Postgresql – PosgreSQL: setting high work_mem does not avoid disk merge

postgresql

This is not quite my day with postgres. On my server machine with PosgreSQL 9.2.3 I have set work_mem to 4MB to avoid Sort Method: external merge Disk: 2072kB but it did not help:

cwu=# vacuum analyze web_city;
VACUUM
cwu=# SHOW work_mem;
 work_mem 
----------
 4MB
(1 row)
cwu=# explain analyze select count(*) from web_city GROUP BY (left(name,5));
                                                          QUERY PLAN                                                          
------------------------------------------------------------------------------------------------------------------------------
 GroupAggregate  (cost=18304.35..20487.34 rows=95562 width=10) (actual time=1557.871..1809.029 rows=64459 loops=1)
   ->  Sort  (cost=18304.35..18633.84 rows=131796 width=10) (actual time=1557.856..1707.069 rows=131796 loops=1)
         Sort Key: ("left"((name)::text, 5))
         Sort Method: external merge  Disk: 2072kB
         ->  Seq Scan on web_city  (cost=0.00..4842.45 rows=131796 width=10) (actual time=1.050..174.907 rows=131796 loops=1)
 Total runtime: 1828.936 ms
(6 rows)

Setting work_mem to 8MB finally helps:

cwu=# SET work_mem = '8MB';
SET
cwu=# explain analyze select count(*) from web_city GROUP BY (left(name,5));
                                                       QUERY PLAN                                                       
------------------------------------------------------------------------------------------------------------------------
 HashAggregate  (cost=5501.43..6675.72 rows=93943 width=10) (actual time=207.628..244.667 rows=64459 loops=1)
   ->  Seq Scan on web_city  (cost=0.00..4842.45 rows=131796 width=10) (actual time=0.749..102.511 rows=131796 loops=1)
 Total runtime: 263.154 ms
(3 rows)

But why 4MB is not enough?
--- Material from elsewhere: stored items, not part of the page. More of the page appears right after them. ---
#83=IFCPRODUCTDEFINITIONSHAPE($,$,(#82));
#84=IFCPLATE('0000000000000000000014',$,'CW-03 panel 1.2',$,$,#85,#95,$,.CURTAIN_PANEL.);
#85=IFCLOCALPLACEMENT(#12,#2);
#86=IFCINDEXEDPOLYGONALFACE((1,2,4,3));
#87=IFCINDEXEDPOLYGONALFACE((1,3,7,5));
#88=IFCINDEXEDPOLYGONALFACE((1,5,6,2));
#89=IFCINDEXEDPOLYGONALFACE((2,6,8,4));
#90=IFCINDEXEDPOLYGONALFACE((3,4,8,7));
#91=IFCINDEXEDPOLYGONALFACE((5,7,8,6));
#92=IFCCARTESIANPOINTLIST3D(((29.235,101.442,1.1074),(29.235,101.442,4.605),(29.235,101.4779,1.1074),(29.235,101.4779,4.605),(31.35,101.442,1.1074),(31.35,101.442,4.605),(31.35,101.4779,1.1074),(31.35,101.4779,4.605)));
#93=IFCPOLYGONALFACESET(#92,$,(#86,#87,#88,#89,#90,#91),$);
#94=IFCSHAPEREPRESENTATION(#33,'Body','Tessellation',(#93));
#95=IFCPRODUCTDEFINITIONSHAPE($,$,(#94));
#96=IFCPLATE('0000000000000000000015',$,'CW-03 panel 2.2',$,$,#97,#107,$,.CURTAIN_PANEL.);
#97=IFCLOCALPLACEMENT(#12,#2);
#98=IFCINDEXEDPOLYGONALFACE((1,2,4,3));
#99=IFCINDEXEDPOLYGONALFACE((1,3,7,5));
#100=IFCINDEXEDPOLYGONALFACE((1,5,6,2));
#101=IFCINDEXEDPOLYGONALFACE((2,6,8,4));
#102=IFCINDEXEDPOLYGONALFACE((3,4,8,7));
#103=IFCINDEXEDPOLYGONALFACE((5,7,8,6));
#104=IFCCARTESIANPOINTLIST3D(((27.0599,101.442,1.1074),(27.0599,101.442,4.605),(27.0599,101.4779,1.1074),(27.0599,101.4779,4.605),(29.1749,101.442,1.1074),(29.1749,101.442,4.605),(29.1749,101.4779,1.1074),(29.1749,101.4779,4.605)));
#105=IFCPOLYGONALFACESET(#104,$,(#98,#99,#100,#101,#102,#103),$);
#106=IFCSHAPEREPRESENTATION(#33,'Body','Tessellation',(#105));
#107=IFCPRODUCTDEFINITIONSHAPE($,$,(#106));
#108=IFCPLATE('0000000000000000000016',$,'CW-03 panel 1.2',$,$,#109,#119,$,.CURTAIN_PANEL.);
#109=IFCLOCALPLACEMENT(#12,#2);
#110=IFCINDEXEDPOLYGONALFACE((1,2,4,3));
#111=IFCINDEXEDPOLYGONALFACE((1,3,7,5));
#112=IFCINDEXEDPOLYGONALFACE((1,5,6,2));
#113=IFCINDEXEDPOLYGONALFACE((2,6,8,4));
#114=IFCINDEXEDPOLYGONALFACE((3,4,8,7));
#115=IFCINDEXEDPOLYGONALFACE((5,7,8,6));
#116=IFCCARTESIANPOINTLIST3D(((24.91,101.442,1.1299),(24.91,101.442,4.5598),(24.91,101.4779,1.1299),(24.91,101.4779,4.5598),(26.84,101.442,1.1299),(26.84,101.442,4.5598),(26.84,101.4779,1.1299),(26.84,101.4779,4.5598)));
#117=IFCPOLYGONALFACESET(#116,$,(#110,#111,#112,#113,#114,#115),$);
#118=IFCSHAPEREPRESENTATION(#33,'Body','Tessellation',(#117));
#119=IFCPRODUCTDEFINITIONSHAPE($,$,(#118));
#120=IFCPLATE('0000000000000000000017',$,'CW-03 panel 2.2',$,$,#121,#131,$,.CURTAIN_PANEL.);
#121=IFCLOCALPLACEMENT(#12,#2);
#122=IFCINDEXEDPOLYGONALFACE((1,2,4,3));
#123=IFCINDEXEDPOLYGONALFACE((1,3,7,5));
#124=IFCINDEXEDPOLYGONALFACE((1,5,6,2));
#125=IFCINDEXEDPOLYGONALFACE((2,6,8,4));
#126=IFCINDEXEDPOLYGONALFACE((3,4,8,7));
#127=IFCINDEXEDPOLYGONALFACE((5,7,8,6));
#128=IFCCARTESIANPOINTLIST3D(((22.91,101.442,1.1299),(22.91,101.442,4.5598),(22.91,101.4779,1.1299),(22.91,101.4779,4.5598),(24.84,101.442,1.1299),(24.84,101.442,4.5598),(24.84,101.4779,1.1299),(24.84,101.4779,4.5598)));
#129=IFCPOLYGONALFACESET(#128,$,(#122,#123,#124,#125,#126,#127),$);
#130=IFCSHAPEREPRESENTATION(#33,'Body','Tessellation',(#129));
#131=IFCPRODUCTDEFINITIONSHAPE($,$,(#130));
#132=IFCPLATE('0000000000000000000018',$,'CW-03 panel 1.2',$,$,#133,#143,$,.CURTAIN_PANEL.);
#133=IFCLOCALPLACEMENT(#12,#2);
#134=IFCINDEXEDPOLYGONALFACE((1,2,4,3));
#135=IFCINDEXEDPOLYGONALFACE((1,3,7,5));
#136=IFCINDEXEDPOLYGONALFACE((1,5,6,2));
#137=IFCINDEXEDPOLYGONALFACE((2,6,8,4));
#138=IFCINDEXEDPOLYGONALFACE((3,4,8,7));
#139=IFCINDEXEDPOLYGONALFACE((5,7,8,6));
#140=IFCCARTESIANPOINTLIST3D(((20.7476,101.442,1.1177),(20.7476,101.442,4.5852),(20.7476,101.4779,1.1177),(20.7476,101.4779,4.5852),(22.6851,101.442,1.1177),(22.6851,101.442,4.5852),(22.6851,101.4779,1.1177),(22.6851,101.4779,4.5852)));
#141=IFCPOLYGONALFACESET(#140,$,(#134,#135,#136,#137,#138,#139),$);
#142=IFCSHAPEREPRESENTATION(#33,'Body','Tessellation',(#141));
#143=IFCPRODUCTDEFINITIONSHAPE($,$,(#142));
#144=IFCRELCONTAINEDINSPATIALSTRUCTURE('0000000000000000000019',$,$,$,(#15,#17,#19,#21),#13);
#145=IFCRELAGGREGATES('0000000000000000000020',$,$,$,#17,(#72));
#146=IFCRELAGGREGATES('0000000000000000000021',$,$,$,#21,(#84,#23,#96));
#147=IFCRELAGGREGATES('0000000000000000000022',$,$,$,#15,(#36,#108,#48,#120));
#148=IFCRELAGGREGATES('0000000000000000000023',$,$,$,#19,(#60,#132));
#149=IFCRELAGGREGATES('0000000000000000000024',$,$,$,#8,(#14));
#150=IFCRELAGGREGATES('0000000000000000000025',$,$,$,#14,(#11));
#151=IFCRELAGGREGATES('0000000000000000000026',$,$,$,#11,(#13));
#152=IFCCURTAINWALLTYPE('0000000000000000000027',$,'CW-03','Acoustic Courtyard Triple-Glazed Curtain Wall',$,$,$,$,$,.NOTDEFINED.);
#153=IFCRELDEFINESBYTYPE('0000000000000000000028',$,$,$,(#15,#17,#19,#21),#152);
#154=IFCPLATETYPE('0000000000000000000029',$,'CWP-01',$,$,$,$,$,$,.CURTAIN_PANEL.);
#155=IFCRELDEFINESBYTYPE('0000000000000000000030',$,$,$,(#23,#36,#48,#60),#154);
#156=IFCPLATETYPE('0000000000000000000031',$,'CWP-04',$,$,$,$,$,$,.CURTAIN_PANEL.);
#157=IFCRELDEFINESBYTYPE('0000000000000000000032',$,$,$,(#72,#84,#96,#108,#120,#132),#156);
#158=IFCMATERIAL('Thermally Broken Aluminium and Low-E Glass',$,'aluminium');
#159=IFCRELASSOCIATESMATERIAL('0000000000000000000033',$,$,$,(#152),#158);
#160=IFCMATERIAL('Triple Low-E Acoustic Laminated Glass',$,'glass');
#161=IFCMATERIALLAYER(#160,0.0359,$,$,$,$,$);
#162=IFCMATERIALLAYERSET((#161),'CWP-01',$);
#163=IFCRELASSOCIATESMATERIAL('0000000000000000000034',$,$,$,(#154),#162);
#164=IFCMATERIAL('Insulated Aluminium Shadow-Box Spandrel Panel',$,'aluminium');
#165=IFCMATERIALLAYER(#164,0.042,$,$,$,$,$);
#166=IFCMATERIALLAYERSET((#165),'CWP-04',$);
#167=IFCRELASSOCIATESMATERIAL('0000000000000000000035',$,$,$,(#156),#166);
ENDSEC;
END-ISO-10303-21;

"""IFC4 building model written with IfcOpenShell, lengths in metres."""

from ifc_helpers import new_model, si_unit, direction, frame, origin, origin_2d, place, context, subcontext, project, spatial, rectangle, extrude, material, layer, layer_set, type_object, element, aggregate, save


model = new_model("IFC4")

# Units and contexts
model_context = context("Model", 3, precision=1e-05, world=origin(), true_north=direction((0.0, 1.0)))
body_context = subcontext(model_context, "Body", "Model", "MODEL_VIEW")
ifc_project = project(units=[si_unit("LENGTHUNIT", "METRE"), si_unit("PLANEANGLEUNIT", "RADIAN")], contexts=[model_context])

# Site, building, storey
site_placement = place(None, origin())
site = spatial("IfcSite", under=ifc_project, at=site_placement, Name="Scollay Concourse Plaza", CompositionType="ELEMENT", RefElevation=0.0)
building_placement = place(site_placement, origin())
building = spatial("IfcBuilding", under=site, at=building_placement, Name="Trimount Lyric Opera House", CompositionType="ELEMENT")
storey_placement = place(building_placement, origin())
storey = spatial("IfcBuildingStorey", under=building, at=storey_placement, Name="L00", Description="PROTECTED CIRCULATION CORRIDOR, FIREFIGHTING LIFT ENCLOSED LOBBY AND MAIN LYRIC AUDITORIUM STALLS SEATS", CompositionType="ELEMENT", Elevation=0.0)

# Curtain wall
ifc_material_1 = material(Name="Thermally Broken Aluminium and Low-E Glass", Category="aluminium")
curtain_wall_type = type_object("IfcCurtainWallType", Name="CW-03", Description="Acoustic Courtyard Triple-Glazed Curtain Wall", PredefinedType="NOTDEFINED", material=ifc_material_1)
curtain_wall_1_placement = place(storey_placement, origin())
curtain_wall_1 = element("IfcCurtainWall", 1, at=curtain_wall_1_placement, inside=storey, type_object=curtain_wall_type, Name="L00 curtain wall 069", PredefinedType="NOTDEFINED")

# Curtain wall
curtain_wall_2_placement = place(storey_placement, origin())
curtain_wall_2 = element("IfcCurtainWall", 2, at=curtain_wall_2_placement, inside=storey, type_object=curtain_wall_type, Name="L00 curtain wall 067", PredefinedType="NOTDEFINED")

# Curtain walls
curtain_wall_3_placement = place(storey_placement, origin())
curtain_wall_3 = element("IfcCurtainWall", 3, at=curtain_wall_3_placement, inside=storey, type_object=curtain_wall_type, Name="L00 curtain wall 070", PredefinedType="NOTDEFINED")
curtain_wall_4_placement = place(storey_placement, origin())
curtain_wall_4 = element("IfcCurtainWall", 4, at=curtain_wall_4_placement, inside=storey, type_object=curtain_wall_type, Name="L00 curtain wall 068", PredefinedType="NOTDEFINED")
In postgres wiki, there is this note:

if you see a line like "Sort Method: external merge Disk: 7526kB" in
there, you'd know a work_mem of at least 8MB would really improve how
fast that query executed, by sorting in RAM instead of swapping to
disk.

So I assumed it will be the same in my case.

EDIT: If I do:

cwu=# create index name_left_prefix on web_city(left(name, 5));

then 4MB is finally enough. It seems that the index causes lower memory usage. If anyone would be that kind to explain all this behaviour I would be very grateful.

Best Answer

This is somewhat speculative but Depesz (Hubert Lubaczewski) has this to say on the subject:

You might wonder, though, why PostgreSQL switched to Disk, when it used only 448kB? After all, work_mem is 1MB. Answer is pretty simple – as I understand – disk is used when work_mem is not enough, so it means it's already been filled. So, sort with “Disk: 448kB" would mean that more or less whole work_mem has been used plus 448kB of disk.

So in your case the used work_mem might be in the 6 MB range. Also, try reset work_mem first, maybe there's stuff in there from a previous query.